Percorso: Ponte del Guat - Rifugio Gnutti - Pantano del Miller - Passo dell’Adamello - Monte Adamello

Tempo Escursione: Circa 12 ore

Distanza: 24,39 km

Ascesa: 2045 metri

Discesa: 2033 metri

Quota massima: 3539 metri

Quota minima: 1529 metri

Segnavia: CAI 23 - Via Attrezzata Terzulli - Ghiacciaio e traccia per la Vetta del Monte Adamello

Difficoltà: EEA/PD Passaggi di II° grado sulla Via Terzulli 

L’Adamello è la montagna più bella ed affascinante della Val Camonica. La salita dal Ponte del Guat è sicuramente molto faticosa, ma permette di compiere un’escursione a dir poco fantastica e permette agli alpinisti che la percorrono di godere di un’ambiente bellissimo, che passa dal classico sentiero di montagna, alla salita sugli sfasciumi morenici nella Val Miller, alla via attrezzata Terzulli, fino al ghiacciaio del Pian di Neve… A mio avviso non manca nulla per rendere questa ascensione una delle più belle delle nostre Alpi. Ma andiamo con ordine…

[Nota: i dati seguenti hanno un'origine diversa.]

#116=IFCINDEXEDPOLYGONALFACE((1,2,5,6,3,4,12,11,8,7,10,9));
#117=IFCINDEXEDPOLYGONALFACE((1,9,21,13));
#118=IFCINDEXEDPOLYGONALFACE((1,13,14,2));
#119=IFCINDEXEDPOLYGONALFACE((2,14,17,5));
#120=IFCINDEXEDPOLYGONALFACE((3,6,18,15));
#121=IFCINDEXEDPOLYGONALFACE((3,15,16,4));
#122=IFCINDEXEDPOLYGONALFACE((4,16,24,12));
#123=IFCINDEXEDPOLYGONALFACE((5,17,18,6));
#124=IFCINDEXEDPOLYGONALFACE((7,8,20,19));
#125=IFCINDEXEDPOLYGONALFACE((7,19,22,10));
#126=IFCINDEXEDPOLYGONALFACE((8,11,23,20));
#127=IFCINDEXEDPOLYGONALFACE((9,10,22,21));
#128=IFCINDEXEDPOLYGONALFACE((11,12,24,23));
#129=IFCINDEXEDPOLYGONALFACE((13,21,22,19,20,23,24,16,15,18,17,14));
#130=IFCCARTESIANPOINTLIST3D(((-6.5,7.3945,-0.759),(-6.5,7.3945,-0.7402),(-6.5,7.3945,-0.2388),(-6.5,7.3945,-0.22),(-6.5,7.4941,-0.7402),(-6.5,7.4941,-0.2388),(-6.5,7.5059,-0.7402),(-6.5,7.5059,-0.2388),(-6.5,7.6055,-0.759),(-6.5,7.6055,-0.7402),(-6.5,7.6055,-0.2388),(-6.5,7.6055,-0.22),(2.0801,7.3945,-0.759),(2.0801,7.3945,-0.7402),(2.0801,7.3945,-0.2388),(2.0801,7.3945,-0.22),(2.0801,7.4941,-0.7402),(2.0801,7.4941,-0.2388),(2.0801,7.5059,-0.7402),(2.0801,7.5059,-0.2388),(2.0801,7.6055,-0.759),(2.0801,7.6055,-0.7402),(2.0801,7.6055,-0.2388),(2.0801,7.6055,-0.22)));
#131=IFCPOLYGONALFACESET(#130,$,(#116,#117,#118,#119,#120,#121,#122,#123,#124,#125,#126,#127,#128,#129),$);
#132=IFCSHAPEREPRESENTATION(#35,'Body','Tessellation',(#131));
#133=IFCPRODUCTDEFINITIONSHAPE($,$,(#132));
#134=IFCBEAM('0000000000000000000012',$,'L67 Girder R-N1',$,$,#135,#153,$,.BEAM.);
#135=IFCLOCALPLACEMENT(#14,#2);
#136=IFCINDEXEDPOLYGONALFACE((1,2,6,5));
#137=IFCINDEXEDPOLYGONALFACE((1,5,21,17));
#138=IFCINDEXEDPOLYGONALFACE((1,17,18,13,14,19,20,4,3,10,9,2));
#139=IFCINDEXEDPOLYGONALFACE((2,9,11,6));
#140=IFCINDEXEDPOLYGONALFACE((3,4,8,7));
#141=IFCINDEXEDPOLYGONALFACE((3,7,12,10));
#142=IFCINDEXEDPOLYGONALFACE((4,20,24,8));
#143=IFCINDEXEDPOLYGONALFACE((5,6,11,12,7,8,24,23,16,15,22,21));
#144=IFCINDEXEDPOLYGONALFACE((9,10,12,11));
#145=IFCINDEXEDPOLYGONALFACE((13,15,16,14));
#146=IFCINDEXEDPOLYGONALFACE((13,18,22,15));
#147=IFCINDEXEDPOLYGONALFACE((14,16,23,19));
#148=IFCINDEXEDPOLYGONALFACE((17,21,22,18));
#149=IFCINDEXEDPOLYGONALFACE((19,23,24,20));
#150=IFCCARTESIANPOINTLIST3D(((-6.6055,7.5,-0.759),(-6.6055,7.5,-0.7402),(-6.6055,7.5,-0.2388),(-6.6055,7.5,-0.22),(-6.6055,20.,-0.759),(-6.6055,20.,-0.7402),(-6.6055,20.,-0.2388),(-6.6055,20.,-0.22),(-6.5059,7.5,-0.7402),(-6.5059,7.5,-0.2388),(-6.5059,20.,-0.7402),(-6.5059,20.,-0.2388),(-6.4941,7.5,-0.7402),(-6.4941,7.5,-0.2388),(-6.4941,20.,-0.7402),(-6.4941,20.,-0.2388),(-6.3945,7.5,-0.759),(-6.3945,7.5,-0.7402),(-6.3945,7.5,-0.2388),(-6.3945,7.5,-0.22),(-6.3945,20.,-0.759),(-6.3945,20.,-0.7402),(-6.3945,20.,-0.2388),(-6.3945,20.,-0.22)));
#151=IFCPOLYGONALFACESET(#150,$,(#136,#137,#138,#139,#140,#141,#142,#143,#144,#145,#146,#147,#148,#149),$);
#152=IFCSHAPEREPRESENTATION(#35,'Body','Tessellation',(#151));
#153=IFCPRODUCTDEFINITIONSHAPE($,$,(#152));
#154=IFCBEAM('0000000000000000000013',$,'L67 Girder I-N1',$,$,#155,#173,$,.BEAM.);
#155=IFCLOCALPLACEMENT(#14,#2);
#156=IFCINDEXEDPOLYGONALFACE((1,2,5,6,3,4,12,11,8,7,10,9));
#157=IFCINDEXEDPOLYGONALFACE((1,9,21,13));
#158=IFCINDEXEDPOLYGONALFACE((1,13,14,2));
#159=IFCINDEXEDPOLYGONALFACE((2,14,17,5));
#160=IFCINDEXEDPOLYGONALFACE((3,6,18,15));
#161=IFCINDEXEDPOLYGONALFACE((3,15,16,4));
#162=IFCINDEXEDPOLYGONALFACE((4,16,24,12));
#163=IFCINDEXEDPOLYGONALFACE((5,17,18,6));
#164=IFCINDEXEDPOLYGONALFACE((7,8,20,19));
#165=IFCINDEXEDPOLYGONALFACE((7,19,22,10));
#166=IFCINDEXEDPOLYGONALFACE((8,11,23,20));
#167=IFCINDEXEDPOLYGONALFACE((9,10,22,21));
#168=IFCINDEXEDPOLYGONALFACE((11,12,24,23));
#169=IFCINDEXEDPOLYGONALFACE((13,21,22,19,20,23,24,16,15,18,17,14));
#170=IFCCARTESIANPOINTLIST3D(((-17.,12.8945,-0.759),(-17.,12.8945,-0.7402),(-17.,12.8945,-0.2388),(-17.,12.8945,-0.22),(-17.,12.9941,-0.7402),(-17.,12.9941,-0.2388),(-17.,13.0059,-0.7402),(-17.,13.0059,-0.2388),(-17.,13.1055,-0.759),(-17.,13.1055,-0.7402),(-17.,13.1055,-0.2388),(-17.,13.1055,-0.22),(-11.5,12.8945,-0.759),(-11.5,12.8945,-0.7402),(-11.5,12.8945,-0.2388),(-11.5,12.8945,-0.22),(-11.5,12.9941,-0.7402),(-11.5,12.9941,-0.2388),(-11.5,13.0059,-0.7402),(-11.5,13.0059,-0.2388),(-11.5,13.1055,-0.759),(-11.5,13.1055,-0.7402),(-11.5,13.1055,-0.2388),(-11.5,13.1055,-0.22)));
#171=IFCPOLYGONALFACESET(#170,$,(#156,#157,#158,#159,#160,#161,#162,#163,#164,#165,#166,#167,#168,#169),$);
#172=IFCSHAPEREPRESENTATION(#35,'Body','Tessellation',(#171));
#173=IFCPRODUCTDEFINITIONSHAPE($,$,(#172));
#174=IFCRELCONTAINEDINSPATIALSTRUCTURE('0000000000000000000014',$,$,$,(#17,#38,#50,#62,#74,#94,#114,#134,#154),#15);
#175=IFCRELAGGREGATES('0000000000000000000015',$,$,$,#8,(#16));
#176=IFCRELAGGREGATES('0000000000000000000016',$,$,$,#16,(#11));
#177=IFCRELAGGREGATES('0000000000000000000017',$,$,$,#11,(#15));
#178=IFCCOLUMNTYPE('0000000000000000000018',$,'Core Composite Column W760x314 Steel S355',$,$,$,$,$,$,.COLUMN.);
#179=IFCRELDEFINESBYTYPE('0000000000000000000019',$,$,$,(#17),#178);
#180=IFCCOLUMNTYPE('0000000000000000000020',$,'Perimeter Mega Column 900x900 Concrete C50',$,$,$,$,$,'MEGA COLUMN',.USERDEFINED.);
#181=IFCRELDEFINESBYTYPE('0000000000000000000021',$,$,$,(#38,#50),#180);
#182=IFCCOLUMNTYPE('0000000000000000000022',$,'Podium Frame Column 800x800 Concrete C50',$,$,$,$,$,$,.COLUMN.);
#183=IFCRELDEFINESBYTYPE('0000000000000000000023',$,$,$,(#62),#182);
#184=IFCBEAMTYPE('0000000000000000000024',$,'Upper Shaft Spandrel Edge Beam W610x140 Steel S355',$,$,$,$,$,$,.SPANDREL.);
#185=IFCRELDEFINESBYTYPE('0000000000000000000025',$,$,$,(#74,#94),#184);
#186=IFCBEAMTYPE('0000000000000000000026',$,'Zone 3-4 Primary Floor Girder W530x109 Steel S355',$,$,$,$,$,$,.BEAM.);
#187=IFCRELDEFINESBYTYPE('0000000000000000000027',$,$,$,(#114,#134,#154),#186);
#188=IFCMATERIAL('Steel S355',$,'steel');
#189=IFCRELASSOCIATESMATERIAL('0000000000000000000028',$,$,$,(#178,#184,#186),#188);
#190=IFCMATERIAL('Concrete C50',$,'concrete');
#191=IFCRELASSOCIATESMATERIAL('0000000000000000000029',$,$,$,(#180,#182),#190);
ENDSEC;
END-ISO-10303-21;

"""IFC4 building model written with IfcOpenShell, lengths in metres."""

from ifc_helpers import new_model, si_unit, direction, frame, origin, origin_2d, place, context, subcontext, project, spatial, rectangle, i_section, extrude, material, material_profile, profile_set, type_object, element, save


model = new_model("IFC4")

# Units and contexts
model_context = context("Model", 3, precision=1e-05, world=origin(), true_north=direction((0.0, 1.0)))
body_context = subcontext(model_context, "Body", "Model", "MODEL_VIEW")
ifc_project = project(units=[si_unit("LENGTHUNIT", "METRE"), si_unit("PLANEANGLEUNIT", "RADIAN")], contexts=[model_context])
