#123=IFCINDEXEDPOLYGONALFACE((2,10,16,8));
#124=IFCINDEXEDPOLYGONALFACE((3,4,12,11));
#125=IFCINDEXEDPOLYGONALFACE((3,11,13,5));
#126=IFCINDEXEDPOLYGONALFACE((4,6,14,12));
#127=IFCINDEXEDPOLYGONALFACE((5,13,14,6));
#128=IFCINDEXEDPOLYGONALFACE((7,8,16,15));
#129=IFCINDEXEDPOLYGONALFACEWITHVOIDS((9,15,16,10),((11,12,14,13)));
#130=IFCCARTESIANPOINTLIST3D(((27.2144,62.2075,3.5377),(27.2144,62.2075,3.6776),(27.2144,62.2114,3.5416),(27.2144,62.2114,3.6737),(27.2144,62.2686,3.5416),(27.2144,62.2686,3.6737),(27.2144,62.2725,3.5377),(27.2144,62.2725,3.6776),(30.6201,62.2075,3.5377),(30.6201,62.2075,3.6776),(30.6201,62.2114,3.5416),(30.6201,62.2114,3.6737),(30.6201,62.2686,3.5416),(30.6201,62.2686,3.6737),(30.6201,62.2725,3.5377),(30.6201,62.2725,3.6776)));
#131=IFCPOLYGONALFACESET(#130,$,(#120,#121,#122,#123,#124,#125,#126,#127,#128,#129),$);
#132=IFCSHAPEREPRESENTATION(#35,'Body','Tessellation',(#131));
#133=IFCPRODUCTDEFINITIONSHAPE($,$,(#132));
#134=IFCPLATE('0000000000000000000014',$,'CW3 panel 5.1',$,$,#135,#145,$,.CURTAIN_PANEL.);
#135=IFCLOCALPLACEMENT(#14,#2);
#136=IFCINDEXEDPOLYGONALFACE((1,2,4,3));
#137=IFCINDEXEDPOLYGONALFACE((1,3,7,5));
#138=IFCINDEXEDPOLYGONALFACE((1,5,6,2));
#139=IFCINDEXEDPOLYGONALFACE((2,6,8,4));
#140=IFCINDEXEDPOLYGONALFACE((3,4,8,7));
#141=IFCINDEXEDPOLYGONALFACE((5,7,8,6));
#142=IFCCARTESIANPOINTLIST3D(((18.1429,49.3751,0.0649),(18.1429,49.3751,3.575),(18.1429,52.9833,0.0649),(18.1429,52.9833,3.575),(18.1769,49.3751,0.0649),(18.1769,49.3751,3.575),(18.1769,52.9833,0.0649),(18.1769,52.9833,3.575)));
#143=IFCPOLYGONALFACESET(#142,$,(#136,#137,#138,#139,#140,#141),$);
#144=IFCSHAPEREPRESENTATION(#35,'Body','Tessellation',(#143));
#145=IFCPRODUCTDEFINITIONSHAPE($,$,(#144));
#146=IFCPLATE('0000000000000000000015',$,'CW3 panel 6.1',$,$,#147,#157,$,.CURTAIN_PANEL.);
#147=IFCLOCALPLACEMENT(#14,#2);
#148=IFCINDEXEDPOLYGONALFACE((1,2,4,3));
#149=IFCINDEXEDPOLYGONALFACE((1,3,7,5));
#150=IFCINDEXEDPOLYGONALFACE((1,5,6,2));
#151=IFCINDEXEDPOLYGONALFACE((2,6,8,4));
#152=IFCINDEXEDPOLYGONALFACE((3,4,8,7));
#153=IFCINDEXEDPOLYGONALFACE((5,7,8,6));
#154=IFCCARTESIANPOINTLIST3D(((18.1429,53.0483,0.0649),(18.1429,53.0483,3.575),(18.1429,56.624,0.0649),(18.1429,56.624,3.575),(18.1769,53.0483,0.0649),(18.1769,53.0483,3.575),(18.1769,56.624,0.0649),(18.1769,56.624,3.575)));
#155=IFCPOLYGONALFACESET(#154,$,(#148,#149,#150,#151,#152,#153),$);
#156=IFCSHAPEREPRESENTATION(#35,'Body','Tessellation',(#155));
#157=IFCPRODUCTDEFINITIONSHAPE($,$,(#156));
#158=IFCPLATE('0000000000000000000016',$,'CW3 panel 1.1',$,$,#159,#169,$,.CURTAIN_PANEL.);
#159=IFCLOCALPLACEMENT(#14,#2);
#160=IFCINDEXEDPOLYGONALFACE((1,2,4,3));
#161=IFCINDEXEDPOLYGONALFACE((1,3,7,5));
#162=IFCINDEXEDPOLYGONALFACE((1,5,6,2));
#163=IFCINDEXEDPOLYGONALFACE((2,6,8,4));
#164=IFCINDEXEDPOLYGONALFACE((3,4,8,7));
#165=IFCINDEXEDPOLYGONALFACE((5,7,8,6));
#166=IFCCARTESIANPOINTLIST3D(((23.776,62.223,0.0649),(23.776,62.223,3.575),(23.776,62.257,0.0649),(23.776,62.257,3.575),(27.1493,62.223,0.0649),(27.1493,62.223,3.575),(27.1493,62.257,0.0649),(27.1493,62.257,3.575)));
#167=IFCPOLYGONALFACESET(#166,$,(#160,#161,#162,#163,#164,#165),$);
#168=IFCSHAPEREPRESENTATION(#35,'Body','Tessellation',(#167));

In questa avventura sono in compagnia di Giuseppe e Giusi. Partiamo dalla Val Malga, più precisamente da Ponte del Guat (Malonno BS) circa alle 16. Posteggiata l’auto nell’ampio parcheggio iniziamo a risalire sull’ampia carrareccia che conduce alla Malga Premassone (m.1585) dove è anche presente un parcheggio a pagamento. Abbandonata la carrareccia continuiamo su sentiero n.23, sempre ben segnalato, che ci porta in circa mezz’ora alle “Scale del Miller”, ripidi scalini a tratti ricavati nella roccia. Superate le “scale” (che permettono, vista la ripidezza, di guadagnare un metro a passo) lo scenario si apre sulla Val Miller e sulle montagne che ne fanno da coronamento. Ancora un’ultimo sforzo ed eccoci arrivare al Rifugio Serafino Gnutti (m.2175) poco dopo le 18 e giusto in tempo per la cena. Qualche foto al tramonto, un paio di chiacchiere con il rifugista ed i clienti presenti ed alle 22 tutti a nanna… Per l’Adamello si parte prima dell’alba!

Panorama

La sveglia è alla 4,30 ma non ci coglie impreparati. La tensione e la voglia di salire non permettono di dormire comodamente come a casa, ma ci permettono comunque di riposare. Una rapida colazione e dopo meno di un’ora siamo sul sentiero, muniti di lampada frontale e carichi di tutto punto. La prima tappa della giornata è il “pantano del miller” cosi chiamato per i numerosi corsi d’acqua che lo percorrono. Superato il pantano inizia a fare capolino l’alba, avvolta dalla nebbia bassa che nasconde le montagne attorno a noi. Sperando in un miglioramento seguiamo i bolli bianco-rossi e gli omini di pietre che ci conducono in un’ambiente molto più severo e roccioso. Salendo buchiamo le nuvole e la nebbia circostante, vedendo finalmente quello che ci circonda… Il Corno Miller svetta imponente sopra di noi. Alternando tratti su granito a tratti su sfasciumi arriviamo all’attacco della Via Terzulli (m.2900 circa). Ci concediamo una pausa per indossare casco ed imbrago ed iniziamo l’ascesa lungo la via attrezzata, dove sono presenti fittoni e catene per i passaggi più impegnativi (max II° grado). La via non può essere definita ferrata in quanto la catena non è sempre presente ma la troviamo solo nei punti più esposti e difficili. Negli ultimi 50 metri è presente anche una variante di IV° grado, per chi naturalmente se la sente! La Via sbuca al Passo dell’Adamello (m.3249) direttamente sul ghiacciaio del Pian di Neve, il più grande d’Italia. Alla nostra destra il Corno Miller, alla nostra sinistra spicca invece il Rè indiscusso della zona. Il monte Adamello! In cielo non c’è una nuvola ed il panorama è fantastico…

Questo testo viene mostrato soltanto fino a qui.